Scheduled Queries and Rules

Panther enables you to run queries on a schedule and, in concert with a Scheduled Rule, allows you to create detections that work over large time spans and aggregate data from multiples sources.
When possible, you should try to implement detections using Streaming Rules. Streaming Rules are low latency and less expensive compared to Scheduled Queries. However, there are cases when more context is required for a detection and then a Scheduled Query is the appropriate solution.
The examples below illustrate the kind of detections requiring a Scheduled Query and are meant as inspiration. All will require some customization to the local environment to be effective.
Your company will incur costs on your data platform every time a scheduled query runs. Please make sure that your queries can complete inside the specified timeout period.
All examples in this section use Snowflake style SQL.
Attention Athena Users: Athena (Presto) has issues with returning query results as proper JSON for complex objects.
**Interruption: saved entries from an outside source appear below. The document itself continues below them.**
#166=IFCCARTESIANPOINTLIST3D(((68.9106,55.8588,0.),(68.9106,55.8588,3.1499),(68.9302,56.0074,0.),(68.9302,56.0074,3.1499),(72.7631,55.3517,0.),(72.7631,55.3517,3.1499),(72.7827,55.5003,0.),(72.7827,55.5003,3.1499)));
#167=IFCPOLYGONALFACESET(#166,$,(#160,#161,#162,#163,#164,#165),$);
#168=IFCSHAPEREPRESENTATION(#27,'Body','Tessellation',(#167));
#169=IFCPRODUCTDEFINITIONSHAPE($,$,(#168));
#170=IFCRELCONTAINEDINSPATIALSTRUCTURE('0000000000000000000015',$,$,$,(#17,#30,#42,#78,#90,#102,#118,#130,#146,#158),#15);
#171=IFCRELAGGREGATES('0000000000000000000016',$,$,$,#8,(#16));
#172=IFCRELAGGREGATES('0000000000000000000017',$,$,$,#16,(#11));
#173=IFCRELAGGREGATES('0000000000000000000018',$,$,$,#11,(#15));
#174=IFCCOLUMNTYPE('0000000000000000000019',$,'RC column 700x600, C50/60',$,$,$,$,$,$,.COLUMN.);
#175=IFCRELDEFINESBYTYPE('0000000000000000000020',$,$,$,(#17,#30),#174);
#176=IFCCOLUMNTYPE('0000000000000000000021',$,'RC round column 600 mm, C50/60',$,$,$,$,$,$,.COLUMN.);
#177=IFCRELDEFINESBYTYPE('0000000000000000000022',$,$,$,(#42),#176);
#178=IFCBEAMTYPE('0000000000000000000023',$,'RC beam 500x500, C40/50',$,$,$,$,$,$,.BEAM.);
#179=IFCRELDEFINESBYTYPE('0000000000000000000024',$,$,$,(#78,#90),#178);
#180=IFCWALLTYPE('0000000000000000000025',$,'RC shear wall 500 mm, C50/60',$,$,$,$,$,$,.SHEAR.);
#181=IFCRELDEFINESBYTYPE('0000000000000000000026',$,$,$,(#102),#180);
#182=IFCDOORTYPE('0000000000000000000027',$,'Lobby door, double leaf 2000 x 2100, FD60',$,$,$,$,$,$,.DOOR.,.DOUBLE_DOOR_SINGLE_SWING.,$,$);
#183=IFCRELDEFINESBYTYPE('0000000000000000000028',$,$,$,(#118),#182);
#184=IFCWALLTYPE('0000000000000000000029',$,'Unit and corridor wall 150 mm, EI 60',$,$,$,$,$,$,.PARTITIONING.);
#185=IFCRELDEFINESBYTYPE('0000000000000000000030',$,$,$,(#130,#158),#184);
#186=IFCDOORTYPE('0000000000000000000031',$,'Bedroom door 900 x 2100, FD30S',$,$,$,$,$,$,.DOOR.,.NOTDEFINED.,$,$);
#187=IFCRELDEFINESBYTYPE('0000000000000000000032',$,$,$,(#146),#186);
This can lead to unparsable results in Scheduled Rules where the Python rules engine will read the result as a JSON object.
To work around this limitation of Athena you should return scalar objects in your Scheduled Queries NOT complex objects. If multiple elements in a complex object are needed in the result then extract them in the SQL as separate scalar columns.
In order to write effective Scheduled Query detections you need to understand the latency of the data from the time the event is recorded until it reaches Panther. Use this information to adjust the scheduled and window of time used accordingly.
For example, AWS CloudTrail data has a latency of about 10 minutes (not due to Panther, due to AWS). If you want to analyze the last hour of data and be confident that your query is considering most of it, then schedule the query to run 15 minutes past the hour.
This is not a consideration for Panther streaming rules, since they are applied when the data is first processed as it comes into the system. Since Scheduled Queries periodically look back at accumulated data, timing considerations are important.
Let's start with a very simple end to end example to better understand the process of creating a detection using a Scheduled Query and a Scheduled Rule. Let's assume you very carefully restrict access to the AWS console to IP addresses from with company IP space. In order to verify this control you want to check that all AWS console logins have a sourceIPAddress from within this IP space. You keep a table of these IP blocks in the datalake. NOTE: this example uses a simple equality join operation and assumes that the table of IP blocks are all /32 addresses. In a realistic implementation the IP block table would have CIDR blocks and the check would be to find those not inside the CIDR blocks. This is left as an exercise for the reader.
Let's assume we schedule a rule to run every 15 minutes, checking the previous 30 minutes (we are using long window handle inherent delay in data associated with CloudTrail).
Full disclosure: you could implement this detection using a Streaming Rule if you managed the IP whitelist table in Dynamodb or S3. For very high volume log sources it will be more efficient to do a periodic batch join as below.
The SQL to detect these events is:
1
SELECT
2
ct.*
3
FROM
4
panther_logs.public.aws_cloudtrail ct LEFT OUTER JOIN infrastructure.networking.egress_blocks egress
5
ON (ct.sourceIPAddress = egress.ip)
6
WHERE
7
p_occurs_since('30 minutes')
8
AND
9
ct.eventtype = 'AwsConsoleSignIn'
10
AND
11
egress.ip IS NULL -- NOT matching!
12
LIMIT 1000 -- we don't expect many of these BUT we have this here for safety!
Copied!
Note the p_occurs_since() is a Panther SQL macro to make creating Scheduled Queries easier.
Since the output of a Scheduled Query flows through a Scheduled Rule (in Python) it is important to keep the number of rows returned carefully controlled. It is recommended to always provide a LIMIT clause or use GROUP BY aggregations that return limited number of rows (less than a few thousand maximum).
To implement this you create a Saved Query with a Schedule, in this case will use a period schedule of every 30 minutes:
Console Query
Once that is running we now make a Scheduled Rule targeted at the output of the Scheduled Query:
Console Rule Desc
Console Rule
A Scheduled Rule has all the capability of a streaming rule, allowing you to customize alerts and direct the destinations. The deduping in Panther prevents alert storms, in the above rule we use the sourceIPAddress dedupe which will only create 1 alert per 30 minutes.
This pattern of joining to a list can also be used for IOC detections (keeping a table of IOCs such as TOR Exit Nodes, malware hashes ,etc).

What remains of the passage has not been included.